The party emerged in the anti-colonial struggle against French and Spanish imperial rule.

History and profile

The party was founded in April 1937 as the National Party for Istiqlal, and became the Istiqlal Party 10 December 1943. Istiqlal held strongly Arab nationalist views and was the main political force struggling for the independence of Morocco. The party was often critical of the ruling monarchy, after being instrumental in gaining independence from French colonialism. Independence was achieved in 1956, and the party then moved into opposition against the monarchy, which had asserted itself as the country's main political actor.

There was a movement within the Istiqlal Party to unite Muslims and Jews called al-Wifaq (), with prominent Jewish figures such as Armand Asoulin, David Azoulay, Marc Sabbagh, Joe O’Hana, and Albert Aflalo.

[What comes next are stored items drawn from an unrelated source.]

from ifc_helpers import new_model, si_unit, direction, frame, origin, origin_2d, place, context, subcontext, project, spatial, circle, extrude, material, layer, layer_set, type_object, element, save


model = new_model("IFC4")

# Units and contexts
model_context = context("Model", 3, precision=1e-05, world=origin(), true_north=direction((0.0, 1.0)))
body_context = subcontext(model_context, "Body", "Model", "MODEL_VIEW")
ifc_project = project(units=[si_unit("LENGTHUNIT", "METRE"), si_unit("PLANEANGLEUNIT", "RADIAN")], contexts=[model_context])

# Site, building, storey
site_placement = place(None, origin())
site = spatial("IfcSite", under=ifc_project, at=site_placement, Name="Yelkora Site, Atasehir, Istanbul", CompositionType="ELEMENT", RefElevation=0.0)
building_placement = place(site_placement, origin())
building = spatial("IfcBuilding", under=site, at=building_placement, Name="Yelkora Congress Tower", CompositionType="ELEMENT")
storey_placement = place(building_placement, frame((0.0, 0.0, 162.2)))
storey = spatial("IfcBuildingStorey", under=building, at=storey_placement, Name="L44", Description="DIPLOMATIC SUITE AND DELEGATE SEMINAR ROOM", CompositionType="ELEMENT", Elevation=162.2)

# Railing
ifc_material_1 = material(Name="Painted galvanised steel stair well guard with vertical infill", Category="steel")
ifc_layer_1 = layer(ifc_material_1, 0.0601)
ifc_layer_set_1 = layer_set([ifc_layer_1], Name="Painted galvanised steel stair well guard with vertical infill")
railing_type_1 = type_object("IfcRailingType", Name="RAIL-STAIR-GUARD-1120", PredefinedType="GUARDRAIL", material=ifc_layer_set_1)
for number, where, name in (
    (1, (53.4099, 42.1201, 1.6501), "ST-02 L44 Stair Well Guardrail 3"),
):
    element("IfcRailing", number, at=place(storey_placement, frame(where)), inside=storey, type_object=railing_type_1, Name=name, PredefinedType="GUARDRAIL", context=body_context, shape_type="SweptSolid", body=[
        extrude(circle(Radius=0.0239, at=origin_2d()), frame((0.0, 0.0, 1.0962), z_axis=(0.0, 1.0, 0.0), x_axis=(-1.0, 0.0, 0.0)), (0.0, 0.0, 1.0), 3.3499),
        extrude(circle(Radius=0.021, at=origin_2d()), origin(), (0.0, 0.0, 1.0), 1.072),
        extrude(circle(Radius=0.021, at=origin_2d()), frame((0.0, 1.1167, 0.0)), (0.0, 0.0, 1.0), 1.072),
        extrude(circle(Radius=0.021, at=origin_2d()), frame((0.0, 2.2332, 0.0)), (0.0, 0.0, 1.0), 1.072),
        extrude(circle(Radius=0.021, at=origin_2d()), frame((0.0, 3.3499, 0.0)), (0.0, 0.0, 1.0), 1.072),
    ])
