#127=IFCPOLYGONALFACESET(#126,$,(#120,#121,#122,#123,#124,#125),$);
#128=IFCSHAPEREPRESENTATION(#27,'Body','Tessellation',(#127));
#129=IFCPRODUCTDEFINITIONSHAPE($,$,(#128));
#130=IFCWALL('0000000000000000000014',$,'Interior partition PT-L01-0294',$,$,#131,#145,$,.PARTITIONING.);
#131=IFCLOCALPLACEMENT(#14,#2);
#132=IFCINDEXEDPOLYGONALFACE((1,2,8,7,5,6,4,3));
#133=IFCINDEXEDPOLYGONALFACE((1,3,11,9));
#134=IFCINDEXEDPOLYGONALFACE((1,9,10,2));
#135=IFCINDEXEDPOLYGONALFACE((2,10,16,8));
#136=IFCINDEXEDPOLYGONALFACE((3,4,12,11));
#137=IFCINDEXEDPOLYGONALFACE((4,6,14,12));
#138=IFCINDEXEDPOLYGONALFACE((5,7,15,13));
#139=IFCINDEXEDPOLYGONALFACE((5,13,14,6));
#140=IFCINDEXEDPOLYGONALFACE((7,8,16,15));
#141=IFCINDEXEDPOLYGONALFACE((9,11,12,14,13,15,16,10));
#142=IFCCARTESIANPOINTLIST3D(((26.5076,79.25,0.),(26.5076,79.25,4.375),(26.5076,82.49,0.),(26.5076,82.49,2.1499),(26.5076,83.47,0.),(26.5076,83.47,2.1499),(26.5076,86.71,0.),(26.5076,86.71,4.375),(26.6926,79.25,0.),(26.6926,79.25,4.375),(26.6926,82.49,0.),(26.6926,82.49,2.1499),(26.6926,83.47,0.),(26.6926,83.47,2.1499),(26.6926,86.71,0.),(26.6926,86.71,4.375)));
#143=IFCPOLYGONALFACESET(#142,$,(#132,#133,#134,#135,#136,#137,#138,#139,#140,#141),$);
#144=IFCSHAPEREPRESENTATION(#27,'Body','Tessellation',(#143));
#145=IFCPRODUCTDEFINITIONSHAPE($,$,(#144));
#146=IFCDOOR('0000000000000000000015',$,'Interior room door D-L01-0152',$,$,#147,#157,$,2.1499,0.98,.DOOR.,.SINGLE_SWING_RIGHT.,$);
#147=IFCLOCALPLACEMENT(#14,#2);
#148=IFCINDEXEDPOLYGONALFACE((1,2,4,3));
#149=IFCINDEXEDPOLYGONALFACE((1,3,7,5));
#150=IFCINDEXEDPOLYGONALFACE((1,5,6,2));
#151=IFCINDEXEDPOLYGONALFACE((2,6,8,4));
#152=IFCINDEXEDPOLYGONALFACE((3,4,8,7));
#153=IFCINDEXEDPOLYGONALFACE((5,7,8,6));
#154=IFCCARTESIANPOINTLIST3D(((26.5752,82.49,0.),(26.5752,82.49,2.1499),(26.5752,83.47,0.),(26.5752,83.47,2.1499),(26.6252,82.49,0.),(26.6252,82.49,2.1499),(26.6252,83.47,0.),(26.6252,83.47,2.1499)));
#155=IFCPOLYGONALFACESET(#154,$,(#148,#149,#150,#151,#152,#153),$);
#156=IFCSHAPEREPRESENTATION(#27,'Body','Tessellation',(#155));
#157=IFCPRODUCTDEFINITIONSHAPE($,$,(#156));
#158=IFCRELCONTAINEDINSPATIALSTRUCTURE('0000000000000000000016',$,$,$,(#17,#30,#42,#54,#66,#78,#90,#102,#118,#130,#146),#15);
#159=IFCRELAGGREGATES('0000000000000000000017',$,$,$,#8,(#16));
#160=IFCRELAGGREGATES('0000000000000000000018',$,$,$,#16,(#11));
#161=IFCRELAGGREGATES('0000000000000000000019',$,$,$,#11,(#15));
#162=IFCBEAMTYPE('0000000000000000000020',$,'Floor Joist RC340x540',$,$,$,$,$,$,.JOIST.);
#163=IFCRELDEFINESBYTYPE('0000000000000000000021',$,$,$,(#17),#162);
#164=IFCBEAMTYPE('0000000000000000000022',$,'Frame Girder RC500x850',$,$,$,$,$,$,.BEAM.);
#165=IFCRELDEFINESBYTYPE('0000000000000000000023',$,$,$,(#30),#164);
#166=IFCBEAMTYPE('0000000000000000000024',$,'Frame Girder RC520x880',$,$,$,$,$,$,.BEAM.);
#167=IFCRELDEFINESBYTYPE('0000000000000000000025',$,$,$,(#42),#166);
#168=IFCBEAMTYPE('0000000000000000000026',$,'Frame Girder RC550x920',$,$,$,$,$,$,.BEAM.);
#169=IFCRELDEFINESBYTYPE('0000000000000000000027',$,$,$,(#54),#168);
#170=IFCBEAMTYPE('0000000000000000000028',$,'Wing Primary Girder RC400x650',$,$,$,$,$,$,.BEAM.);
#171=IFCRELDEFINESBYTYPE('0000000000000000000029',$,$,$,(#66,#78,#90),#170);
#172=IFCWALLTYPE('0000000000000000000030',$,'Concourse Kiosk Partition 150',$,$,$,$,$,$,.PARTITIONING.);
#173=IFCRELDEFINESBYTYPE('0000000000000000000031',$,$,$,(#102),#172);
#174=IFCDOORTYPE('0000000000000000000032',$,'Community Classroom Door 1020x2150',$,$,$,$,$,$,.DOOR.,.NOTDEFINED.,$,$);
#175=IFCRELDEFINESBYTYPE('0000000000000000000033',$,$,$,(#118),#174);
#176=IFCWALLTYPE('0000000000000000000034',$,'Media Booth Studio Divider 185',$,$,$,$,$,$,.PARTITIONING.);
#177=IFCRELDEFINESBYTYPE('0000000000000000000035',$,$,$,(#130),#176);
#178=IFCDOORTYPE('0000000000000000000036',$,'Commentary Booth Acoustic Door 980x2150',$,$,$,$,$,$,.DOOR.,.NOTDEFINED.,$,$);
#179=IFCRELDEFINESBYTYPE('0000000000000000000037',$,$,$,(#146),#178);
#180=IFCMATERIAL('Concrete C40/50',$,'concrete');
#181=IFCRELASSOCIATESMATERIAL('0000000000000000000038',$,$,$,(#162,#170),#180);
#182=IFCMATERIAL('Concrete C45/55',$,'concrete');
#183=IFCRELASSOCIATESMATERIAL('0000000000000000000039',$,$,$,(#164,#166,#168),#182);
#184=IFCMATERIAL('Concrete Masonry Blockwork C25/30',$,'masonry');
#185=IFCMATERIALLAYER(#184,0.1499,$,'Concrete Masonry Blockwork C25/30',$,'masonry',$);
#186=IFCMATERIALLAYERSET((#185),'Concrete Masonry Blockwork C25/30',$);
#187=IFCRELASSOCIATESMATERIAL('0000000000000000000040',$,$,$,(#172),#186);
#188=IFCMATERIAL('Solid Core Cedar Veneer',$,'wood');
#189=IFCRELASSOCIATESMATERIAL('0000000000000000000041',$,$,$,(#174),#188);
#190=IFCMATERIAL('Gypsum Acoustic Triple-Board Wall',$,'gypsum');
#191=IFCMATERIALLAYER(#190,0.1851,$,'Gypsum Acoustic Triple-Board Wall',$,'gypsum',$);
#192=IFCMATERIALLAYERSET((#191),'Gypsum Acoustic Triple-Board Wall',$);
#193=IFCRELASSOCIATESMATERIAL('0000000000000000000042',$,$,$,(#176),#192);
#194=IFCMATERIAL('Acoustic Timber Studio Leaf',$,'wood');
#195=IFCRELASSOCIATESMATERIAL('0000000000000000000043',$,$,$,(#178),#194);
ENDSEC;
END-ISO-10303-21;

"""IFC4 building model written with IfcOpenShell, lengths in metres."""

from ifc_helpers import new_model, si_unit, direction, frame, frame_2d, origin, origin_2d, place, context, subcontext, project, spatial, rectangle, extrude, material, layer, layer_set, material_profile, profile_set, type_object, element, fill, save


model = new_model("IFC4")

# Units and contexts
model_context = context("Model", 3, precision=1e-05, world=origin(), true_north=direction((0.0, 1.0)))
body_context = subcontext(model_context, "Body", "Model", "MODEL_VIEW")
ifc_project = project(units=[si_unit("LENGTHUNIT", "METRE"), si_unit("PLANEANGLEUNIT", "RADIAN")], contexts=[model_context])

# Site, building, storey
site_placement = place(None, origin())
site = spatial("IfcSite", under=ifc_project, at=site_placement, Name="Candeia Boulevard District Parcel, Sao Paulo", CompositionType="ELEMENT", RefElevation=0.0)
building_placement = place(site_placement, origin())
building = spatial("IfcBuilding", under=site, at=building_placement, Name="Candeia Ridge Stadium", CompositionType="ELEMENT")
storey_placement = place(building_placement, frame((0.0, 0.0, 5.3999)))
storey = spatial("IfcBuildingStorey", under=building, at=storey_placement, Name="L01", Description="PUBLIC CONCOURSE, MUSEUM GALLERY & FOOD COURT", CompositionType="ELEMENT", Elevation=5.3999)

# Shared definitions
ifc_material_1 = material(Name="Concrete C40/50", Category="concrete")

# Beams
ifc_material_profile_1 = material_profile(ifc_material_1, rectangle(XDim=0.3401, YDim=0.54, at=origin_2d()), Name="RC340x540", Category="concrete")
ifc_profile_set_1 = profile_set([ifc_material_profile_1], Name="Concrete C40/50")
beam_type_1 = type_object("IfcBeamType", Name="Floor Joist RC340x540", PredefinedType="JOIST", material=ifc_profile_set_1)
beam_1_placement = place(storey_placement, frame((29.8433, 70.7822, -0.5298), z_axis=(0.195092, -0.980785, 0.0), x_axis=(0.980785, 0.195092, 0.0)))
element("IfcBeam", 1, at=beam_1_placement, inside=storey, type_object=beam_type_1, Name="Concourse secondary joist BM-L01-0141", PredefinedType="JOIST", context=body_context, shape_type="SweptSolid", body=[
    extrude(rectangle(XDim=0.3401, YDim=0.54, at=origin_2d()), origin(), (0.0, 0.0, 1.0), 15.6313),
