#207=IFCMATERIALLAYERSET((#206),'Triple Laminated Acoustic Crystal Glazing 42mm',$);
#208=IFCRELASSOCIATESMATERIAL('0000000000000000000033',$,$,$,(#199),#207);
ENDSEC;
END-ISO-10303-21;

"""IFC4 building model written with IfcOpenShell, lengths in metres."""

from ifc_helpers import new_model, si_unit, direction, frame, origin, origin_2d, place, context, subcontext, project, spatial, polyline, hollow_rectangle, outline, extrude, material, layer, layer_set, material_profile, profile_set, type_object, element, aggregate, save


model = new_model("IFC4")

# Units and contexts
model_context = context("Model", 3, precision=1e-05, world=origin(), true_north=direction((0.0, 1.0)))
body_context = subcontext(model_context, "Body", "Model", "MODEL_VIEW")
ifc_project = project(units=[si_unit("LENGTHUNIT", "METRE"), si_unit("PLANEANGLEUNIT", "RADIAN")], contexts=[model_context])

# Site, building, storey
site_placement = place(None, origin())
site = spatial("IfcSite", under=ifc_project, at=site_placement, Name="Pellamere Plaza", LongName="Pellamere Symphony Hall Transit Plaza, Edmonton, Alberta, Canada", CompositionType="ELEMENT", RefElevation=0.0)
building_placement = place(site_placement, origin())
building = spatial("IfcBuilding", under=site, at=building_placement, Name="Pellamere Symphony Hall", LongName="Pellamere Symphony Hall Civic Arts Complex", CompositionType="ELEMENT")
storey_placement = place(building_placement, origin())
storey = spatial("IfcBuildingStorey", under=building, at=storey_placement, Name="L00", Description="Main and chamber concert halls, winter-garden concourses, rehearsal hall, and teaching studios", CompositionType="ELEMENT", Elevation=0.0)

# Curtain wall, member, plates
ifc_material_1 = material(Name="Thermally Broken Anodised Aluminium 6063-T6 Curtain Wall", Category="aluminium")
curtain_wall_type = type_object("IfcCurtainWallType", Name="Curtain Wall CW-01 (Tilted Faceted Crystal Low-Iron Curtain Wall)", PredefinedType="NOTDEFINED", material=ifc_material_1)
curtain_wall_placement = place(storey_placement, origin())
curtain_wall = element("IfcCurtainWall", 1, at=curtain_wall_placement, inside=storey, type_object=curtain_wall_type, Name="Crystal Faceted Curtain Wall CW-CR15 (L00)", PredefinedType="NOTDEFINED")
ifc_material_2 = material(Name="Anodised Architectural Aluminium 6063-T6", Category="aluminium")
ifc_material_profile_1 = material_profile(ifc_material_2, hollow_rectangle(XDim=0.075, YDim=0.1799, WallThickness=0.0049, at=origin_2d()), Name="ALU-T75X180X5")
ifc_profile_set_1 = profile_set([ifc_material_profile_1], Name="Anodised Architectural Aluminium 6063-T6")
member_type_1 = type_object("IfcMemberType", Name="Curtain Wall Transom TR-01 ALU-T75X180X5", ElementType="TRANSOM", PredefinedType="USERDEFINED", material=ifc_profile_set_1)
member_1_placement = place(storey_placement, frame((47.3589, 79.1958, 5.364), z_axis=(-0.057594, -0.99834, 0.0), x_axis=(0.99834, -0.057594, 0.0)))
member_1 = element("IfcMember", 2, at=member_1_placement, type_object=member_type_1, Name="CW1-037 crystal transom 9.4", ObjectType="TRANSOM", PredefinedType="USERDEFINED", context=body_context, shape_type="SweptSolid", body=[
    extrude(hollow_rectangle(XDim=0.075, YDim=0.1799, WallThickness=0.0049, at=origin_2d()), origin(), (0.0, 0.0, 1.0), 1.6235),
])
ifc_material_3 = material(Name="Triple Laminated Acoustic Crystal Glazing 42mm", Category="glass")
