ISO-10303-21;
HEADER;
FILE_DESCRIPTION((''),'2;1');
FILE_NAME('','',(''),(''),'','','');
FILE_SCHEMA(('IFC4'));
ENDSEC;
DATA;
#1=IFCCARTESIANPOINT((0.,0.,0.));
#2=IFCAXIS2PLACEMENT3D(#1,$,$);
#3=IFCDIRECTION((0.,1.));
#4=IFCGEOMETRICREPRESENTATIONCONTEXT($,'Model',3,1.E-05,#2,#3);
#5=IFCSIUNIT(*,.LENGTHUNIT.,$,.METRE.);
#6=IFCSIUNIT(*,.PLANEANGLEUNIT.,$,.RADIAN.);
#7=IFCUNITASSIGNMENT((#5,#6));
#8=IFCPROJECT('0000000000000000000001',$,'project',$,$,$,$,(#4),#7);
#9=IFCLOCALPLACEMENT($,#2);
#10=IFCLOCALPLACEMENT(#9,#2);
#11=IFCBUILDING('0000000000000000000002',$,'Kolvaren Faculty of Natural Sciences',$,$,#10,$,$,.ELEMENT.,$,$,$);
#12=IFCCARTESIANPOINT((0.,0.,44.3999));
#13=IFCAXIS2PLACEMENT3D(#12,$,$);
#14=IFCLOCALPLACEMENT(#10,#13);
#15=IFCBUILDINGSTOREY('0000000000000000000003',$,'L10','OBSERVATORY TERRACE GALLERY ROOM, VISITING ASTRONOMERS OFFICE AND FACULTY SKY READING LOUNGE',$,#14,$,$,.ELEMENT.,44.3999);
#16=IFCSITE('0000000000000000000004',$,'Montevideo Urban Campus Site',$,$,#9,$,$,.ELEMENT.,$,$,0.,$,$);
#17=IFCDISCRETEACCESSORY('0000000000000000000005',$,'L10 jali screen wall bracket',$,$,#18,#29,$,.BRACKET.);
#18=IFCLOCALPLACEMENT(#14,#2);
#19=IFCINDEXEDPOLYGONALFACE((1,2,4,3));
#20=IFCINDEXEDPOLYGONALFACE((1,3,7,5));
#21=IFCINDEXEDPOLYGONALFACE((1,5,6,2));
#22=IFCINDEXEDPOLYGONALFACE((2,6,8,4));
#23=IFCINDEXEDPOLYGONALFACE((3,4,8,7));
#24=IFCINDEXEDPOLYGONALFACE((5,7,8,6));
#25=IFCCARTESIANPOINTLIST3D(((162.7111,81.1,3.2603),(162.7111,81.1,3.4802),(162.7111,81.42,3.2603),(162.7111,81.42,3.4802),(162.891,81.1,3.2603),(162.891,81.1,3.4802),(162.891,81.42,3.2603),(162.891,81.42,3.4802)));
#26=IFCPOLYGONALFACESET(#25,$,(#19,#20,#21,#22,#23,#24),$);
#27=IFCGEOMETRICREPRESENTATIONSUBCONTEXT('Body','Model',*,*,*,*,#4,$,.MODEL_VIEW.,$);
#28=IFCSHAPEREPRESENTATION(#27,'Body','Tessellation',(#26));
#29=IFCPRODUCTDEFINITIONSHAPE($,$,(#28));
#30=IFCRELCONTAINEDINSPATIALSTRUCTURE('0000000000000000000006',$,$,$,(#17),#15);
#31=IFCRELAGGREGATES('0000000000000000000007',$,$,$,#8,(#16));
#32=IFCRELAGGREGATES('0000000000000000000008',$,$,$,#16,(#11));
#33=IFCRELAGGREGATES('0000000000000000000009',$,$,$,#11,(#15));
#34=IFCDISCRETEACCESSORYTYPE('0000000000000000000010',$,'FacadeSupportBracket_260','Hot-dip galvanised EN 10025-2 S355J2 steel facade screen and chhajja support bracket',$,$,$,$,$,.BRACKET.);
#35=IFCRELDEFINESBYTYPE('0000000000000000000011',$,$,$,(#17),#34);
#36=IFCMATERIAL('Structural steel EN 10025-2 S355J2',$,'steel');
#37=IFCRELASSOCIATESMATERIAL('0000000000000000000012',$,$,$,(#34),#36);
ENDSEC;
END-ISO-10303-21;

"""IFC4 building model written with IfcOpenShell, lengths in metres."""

from ifc_helpers import new_model, si_unit, direction, frame, origin, origin_2d, place, context, subcontext, project, spatial, rectangle, extrude, material, type_object, element, save


model = new_model("IFC4")

# Units and contexts
model_context = context("Model", 3, precision=1e-05, world=origin(), true_north=direction((0.0, 1.0)))
body_context = subcontext(model_context, "Body", "Model", "MODEL_VIEW")
ifc_project = project(units=[si_unit("LENGTHUNIT", "METRE"), si_unit("PLANEANGLEUNIT", "RADIAN")], contexts=[model_context])

# Site, building, storey
site_placement = place(None, origin())
site = spatial("IfcSite", under=ifc_project, at=site_placement, Name="Montevideo Urban Campus Site", CompositionType="ELEMENT", RefElevation=0.0)
building_placement = place(site_placement, origin())
building = spatial("IfcBuilding", under=site, at=building_placement, Name="Kolvaren Faculty of Natural Sciences", CompositionType="ELEMENT")
storey_placement = place(building_placement, frame((0.0, 0.0, 44.3999)))
storey = spatial("IfcBuildingStorey", under=building, at=storey_placement, Name="L10", Description="OBSERVATORY TERRACE GALLERY ROOM, VISITING ASTRONOMERS OFFICE AND FACULTY SKY READING LOUNGE", CompositionType="ELEMENT", Elevation=44.3999)

# Discrete accessory
ifc_material_1 = material(Name="Structural steel EN 10025-2 S355J2", Category="steel")
discrete_accessory_type = type_object("IfcDiscreteAccessoryType", Name="FacadeSupportBracket_260", Description="Hot-dip galvanised EN 10025-2 S355J2 steel facade screen and chhajja support bracket", PredefinedType="BRACKET", material=ifc_material_1)
for number, where, z_axis, x_axis, name in (
    (1, (162.801, 81.26, 3.2603), (0.0, 0.0, 1.0), (1.0, 0.0, 0.0), "L10 jali screen wall bracket"),
):
    element("IfcDiscreteAccessory", number, at=place(storey_placement, frame(where, z_axis=z_axis, x_axis=x_axis)), inside=storey, type_object=discrete_accessory_type, Name=name, PredefinedType="BRACKET", context=body_context, shape_type="SweptSolid", body=[
        extrude(rectangle(XDim=0.1799, YDim=0.3201, at=origin_2d()), origin(), (0.0, 0.0, 1.0), 0.22),
    ])

save(model, "model.ifc")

Together with the leftist National Union of Popular Forces (UNFP), which split from Istiqlal in 1959, and later the Socialist Union of Popular Forces (USFP), the Istiqlal would form the backbone of the opposition to King Hassan II in the years to come. The Istiqlal party has taken part in many coalition governments from the late 1970s until the mid-1980s. In 1998, together with the USFP inside the Koutla and other smaller parties, the Istiqlal formed the Alternance, the first political experience in the Arab World where the opposition assumed power through the ballots.

For the party's leader Allal El Fassi, a proponent of "Greater Morocco", Morocco's independence would not be complete without the liberation of all the territories that once were part of Morocco.

In January 2006, Istiqlal criticized Spanish Prime Minister José Luis Rodríguez Zapatero's visit to the Spanish cities of Ceuta and Melilla on the north African coast, reflecting its nationalist heritage.

Istiqlal won 52 out of 325 seats in the parliamentary election held on 7 September 2007, more than any other party, and subsequently the party's leader, Abbas El Fassi, was named Prime Minister by King Mohammed VI on 19 September 2007.

The party won 60 out of 325 seats in the parliamentary election held in November 2011, being the second party in the parliament.Abbas El Fassi resigned as Prime Minister 29 November 2011, and resigned as Secretary-General of Istiqlal on 23 September 2012, following Justice and Development Party victory in 2011 elections.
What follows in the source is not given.